I still believe, that in this first generation, the focus will be on education and bringing to acceptance of the community with a small core of polygamous families to work out the details to give the next generation a solid base of support to build on. I believe that most of the folks entering the principle at this time do not have a clear understanding of what will be required of them, nor do they have any idea in this world how difficult it will be to overcome ancient biases, for all the willingness and education in the world. It will take time. A baby is not born walking, or even crawling for that matter. And you cannot hurry Yahweh. Progress is being made, slow steady gains I am seeing regularly. But also, there is a lot of spiritual devastation that breaks my heart because it does not have to be this way. There is bound to be some discomfort when changing lifelong polarities but it should not be soul-destroying agony and it can and frequently is when impatient humans rush in without adequate education and spiritual stability.
I have learned myself, that for all the love I have for my family, I am going to have a lot of work to do to reach full acceptance and understanding of the differing foci in plural marriage and I am going to have to be vigilant in my guarding against resentment and hurt building up because of entrenched thought patterns.
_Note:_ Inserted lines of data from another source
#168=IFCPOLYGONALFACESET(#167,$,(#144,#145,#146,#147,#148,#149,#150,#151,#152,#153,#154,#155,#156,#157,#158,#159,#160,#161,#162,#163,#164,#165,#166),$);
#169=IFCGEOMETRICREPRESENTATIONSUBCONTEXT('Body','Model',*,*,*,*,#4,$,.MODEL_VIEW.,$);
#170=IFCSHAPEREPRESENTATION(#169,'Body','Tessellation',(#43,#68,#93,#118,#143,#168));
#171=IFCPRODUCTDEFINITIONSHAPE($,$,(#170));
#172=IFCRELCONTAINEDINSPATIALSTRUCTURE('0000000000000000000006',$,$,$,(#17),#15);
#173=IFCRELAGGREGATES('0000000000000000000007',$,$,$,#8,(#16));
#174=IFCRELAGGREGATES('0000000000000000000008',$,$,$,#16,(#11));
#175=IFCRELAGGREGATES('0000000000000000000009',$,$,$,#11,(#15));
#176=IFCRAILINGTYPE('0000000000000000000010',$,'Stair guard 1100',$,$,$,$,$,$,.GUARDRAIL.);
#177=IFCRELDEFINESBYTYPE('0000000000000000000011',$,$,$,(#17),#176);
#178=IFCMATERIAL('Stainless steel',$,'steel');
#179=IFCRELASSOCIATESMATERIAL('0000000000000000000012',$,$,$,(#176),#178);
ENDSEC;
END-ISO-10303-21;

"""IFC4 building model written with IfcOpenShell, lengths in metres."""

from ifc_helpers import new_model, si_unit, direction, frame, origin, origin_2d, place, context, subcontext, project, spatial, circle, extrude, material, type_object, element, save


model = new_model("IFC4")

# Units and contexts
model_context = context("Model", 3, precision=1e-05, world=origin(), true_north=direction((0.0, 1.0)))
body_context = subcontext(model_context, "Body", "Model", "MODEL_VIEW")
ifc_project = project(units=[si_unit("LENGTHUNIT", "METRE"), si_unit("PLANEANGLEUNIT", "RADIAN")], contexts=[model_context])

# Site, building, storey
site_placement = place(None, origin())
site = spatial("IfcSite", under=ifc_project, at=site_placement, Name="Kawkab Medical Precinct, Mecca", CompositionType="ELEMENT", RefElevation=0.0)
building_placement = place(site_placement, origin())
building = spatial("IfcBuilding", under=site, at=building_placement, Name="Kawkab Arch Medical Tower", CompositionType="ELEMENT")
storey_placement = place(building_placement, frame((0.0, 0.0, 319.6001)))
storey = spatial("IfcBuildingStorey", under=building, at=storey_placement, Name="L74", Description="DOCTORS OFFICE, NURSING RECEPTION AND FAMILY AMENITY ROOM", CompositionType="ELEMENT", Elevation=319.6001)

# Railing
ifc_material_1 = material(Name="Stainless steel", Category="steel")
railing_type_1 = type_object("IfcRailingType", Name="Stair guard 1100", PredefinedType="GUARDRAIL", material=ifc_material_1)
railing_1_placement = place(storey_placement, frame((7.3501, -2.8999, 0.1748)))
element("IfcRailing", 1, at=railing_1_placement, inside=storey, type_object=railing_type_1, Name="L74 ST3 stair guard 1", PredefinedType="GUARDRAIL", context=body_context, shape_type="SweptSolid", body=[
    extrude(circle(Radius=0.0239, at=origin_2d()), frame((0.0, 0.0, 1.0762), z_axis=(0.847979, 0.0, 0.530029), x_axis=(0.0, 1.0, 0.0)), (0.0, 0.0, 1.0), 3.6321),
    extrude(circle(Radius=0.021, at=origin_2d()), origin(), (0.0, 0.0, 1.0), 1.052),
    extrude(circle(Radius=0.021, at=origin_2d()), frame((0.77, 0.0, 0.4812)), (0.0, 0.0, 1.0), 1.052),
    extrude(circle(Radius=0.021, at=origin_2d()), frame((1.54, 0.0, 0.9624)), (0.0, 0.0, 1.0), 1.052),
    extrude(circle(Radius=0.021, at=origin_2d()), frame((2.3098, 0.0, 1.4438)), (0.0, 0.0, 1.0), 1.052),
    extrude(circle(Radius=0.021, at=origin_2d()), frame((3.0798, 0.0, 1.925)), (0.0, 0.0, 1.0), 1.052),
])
It will not be easy for me. Nor will it be easy for the polygamous community at large, but with faith in Yahweh and an honest commitment to be obedient to His commandments it can be done, and done gloriously. And then we will see the glory of His plan and the splendor of His place for us in the universe. That is my prayer I wish for each and every one of us on the eve of my temporary departure from Europe, from my family and from my life.
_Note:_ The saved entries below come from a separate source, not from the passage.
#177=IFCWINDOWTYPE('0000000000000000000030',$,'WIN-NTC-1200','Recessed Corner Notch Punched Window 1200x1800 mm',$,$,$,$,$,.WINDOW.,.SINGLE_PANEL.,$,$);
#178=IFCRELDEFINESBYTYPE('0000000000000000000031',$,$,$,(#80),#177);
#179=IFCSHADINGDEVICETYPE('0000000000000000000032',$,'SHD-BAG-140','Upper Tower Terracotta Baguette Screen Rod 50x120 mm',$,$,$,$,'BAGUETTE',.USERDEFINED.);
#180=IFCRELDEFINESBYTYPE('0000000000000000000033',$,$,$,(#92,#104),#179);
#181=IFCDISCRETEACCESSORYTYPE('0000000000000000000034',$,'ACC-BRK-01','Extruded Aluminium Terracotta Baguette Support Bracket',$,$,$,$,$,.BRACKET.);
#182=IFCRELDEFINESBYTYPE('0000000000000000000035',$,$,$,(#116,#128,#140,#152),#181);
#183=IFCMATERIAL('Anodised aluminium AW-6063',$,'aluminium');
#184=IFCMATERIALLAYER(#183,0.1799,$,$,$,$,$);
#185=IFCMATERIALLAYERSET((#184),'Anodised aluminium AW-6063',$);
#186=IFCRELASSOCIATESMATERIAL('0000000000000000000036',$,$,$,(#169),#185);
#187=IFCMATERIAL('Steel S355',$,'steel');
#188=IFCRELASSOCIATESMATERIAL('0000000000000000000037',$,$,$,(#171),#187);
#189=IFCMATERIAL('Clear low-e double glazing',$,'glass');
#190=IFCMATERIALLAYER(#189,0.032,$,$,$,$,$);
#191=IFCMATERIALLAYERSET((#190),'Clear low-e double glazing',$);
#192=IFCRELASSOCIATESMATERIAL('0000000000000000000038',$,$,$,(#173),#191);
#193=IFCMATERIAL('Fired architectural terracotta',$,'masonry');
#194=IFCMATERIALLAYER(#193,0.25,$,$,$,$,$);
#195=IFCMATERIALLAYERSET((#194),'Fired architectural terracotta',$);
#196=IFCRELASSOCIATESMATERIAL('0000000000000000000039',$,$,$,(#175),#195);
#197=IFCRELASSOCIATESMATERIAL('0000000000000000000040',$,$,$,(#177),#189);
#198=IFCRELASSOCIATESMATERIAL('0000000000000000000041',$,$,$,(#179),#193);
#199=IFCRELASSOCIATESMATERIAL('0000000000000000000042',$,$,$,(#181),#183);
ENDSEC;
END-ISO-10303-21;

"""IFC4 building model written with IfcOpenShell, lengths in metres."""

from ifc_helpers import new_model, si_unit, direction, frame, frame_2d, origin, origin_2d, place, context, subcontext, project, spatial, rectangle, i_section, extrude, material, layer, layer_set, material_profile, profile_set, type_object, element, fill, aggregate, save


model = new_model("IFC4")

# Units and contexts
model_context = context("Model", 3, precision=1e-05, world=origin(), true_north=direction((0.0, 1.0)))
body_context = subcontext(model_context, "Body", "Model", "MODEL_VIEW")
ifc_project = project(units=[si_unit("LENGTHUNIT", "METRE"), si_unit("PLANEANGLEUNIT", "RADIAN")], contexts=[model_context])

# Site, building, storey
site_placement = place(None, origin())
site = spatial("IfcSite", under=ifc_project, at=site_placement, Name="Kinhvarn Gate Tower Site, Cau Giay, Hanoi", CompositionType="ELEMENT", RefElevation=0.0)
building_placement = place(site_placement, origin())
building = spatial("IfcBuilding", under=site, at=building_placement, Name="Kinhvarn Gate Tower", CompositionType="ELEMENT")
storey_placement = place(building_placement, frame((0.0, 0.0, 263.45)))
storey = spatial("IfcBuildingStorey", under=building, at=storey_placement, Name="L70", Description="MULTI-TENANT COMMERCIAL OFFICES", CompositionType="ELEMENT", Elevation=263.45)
Postscript (2016) - This was Świętosława's last article before leaving Poland for her homeland. She did not wait to get the visa problem sorted out but went back, so we were led to understand, to her old life. She never returned and after a few months, went silent and never made contact again. "Head knowledge is not the same thing as heart knowledge", said my fifth wife, when it comes to polygamy and relationships as complex as this lifestyle demands, and that is a lesson other aspirant polygamists need to be cogniscent of. This way is very, very difficult, and none but those who are genuinely called, in a society hostile to it, will ever make it. But even the called don't by default make it, for as the Saviour said, "many are called, but few are chosen" (Matthew 20:16; 22:14) so we should not be surprised that there are casualties, even amongst the called. That is not to say that those who initially fail, even going so far as to break with their husbands and sister-wives, and perhaps even being away for many years, cannot make it back home and be reconciled if they want to, for where there is a will, broken-heartedness and contrition, the way is always open. Yahweh will see to that. Thus for Świętosława and the others who did not make it, the story is not over until Yahweh takes us home. We live in that hope.